Ask HN: Why we assume software developers don't know math? - master_yoda_1
======
e_py
Well it depends, some people think of software developers as self taught
people who make websites and phone applications. In that way, this is kind of
true.

On the other hand, most of people working in the software industry hold a
degree in computer science or software engineering from a university and do
much more stuff than just coding webapps, at least in my country.

------
yarper
Do we?

"Programming is one of the most difficult branches of applied mathematics; the
poorer mathematicians had better remain pure mathematicians."

\- Edsger Dijkstra

------
jotato
Why does it matter? As long as you are producing good results of course.

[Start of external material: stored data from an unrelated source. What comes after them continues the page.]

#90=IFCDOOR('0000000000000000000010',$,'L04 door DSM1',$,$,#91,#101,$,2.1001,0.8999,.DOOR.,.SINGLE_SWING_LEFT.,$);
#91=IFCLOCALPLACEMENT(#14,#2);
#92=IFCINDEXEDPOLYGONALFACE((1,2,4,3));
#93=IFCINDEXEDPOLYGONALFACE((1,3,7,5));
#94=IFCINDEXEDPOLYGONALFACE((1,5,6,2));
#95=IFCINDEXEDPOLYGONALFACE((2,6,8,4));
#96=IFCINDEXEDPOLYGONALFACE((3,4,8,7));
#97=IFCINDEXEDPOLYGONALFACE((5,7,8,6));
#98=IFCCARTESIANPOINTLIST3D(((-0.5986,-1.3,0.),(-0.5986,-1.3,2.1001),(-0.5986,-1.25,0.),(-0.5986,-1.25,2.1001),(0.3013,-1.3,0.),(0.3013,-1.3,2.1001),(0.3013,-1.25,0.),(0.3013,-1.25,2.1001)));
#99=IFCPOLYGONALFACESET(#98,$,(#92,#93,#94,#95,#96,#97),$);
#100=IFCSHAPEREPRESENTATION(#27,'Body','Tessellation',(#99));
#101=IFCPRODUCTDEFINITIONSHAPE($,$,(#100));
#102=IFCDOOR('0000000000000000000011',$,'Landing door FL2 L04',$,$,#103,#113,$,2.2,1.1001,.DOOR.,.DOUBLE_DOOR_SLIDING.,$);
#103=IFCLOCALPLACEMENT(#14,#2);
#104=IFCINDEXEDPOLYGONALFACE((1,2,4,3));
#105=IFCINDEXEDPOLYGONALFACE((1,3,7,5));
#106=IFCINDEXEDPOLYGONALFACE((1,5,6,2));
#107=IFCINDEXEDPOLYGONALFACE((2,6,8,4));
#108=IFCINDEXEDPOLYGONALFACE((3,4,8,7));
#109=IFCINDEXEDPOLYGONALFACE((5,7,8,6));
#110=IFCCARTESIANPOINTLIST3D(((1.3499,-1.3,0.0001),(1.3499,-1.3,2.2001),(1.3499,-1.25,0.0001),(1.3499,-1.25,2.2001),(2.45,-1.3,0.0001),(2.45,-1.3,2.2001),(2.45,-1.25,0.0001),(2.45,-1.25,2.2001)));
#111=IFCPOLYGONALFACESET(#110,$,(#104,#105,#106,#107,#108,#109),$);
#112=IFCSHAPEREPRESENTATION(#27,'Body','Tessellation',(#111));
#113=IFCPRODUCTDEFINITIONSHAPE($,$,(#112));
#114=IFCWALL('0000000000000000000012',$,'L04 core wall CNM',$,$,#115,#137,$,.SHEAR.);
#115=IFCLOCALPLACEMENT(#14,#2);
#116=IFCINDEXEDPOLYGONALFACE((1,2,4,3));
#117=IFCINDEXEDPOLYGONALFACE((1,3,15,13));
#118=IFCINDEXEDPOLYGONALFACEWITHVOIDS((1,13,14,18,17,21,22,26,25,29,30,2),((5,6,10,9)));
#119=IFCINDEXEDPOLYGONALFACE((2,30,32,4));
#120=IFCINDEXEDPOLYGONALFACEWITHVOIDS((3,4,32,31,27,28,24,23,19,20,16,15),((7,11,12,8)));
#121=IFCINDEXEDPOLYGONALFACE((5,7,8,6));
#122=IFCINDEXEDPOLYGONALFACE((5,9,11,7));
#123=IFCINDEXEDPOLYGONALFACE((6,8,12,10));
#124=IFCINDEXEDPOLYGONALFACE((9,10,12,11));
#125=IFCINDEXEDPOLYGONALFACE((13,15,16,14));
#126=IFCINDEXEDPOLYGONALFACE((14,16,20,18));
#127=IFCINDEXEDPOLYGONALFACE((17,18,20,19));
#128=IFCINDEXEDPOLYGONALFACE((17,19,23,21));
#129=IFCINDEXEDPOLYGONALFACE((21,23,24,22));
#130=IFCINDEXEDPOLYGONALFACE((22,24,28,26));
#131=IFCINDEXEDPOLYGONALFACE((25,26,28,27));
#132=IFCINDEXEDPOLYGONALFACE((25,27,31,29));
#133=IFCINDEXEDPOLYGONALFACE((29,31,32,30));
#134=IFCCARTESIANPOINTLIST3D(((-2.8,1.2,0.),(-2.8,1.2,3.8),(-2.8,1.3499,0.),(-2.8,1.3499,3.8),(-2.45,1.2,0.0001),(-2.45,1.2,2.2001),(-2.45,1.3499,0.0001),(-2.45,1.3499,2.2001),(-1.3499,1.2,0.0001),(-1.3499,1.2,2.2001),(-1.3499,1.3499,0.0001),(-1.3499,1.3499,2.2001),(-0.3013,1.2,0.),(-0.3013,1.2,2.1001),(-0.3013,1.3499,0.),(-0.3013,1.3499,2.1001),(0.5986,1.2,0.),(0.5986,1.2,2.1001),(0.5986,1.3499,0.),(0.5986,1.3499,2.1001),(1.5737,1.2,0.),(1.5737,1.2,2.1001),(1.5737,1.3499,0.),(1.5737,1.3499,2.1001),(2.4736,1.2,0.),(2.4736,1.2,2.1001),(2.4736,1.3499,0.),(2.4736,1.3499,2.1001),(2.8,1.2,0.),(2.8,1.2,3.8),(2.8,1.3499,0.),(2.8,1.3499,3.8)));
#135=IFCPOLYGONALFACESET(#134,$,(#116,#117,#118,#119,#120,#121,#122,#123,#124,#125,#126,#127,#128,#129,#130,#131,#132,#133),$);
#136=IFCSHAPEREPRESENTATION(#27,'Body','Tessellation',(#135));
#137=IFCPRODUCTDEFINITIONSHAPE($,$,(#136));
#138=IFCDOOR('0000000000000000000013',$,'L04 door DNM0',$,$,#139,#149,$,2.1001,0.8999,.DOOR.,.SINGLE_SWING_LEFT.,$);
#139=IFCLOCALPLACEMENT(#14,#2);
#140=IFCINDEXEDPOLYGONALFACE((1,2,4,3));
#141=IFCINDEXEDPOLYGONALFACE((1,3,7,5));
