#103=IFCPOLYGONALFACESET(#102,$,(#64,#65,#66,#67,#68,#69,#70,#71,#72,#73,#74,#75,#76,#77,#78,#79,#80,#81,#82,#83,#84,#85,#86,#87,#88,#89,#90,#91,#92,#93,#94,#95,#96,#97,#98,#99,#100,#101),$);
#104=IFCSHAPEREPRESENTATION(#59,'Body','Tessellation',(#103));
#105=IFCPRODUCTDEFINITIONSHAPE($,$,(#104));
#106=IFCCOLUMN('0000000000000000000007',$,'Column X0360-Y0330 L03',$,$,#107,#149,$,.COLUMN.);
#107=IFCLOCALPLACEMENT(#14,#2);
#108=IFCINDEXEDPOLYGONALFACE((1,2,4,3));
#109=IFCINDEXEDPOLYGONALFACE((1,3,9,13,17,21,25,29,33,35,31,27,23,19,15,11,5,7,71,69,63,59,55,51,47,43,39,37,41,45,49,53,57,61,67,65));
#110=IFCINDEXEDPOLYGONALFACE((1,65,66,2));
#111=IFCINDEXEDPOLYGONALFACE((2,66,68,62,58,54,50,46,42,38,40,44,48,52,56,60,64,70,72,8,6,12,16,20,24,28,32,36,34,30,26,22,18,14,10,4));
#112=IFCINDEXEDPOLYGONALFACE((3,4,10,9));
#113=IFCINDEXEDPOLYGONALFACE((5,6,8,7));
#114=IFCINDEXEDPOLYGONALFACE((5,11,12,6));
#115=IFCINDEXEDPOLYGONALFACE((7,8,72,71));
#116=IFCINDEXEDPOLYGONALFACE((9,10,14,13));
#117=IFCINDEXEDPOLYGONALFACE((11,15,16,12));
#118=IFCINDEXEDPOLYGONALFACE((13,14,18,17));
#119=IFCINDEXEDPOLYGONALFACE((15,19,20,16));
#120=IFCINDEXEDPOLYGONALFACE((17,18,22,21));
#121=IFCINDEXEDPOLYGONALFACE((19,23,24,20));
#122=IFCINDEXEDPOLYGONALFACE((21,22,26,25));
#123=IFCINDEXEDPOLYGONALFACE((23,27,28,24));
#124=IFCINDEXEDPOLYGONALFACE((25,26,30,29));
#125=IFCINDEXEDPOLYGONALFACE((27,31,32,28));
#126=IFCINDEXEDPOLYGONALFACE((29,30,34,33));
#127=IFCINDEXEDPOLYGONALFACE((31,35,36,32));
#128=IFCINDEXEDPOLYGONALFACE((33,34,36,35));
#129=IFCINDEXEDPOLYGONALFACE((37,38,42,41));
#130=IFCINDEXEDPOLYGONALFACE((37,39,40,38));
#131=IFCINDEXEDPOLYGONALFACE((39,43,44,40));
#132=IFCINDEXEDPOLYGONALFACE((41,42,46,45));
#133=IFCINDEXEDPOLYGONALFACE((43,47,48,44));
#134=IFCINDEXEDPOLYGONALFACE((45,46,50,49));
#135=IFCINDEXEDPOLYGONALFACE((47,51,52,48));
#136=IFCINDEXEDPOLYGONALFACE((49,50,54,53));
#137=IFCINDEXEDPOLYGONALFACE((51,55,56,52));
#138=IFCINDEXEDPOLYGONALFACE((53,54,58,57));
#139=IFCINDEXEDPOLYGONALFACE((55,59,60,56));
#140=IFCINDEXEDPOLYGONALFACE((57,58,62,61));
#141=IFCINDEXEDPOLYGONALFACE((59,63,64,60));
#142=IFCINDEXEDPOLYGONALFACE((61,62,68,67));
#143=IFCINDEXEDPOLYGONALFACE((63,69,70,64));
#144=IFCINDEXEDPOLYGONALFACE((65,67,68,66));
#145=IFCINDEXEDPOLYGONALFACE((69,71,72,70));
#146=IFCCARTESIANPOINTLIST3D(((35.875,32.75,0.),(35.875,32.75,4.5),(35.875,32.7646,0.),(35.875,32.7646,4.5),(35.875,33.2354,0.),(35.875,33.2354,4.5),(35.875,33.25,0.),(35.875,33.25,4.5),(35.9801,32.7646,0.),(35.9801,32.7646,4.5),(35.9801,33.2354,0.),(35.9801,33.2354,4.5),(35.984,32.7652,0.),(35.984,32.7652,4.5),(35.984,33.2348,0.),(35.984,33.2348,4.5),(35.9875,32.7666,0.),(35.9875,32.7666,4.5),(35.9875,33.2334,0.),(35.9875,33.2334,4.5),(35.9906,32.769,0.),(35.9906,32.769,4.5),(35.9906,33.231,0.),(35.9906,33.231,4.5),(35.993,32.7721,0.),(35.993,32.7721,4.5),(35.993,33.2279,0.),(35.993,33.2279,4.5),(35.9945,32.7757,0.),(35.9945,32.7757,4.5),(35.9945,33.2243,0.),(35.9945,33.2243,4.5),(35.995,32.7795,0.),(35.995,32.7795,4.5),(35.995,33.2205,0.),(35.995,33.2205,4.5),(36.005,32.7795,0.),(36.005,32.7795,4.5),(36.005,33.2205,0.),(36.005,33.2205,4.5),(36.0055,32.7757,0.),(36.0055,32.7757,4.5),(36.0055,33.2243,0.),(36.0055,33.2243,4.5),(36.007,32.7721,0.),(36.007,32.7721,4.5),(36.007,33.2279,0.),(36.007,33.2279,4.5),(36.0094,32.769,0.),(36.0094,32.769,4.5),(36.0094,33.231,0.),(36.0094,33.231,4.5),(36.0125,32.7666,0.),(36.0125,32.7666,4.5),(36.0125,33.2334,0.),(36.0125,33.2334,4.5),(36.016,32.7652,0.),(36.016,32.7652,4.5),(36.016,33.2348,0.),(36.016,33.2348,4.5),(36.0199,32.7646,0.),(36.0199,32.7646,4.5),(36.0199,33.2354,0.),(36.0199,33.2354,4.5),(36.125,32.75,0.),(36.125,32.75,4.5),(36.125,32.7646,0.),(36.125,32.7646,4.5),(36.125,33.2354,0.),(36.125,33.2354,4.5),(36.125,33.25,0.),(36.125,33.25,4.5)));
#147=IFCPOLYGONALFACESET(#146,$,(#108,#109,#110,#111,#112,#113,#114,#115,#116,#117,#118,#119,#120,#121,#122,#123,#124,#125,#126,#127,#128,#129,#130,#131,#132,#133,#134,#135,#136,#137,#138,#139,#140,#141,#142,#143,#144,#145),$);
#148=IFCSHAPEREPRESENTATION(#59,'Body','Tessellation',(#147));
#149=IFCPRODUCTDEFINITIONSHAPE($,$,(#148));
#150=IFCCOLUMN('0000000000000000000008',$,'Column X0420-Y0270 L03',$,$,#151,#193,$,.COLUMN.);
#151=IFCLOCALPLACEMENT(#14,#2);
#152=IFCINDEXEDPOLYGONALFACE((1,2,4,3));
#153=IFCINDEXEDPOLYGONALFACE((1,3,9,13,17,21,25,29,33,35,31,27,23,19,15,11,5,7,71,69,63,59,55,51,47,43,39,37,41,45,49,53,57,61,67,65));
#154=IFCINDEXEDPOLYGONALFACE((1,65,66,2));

What I mean is, if someone is mainly focused on webapps where, in my
experience, advanced math skills are not always needed what good would it do
to the final product?

That isn't to say the entire profession shouldn't care, but what does it
matter if we "assume software developers don't know math"? Why not just assume
"That software developer must not use advanced math in his daily coding"

------
GFischer
That's definitely some kind of local myth. Here in Uruguay (and South America
in general), it's the opposite, programmers are viewed as math nerds. I
believe the same happens in Europe (especially Eastern Europe), and Asia.

A lot of programmers here have to get an Engineering degree, which includes a
LOT of math.

Same for CS degrees. Even Information Systems degrees (like the one I ended up
getting) belong to the Engineering school and have quite a lot of math.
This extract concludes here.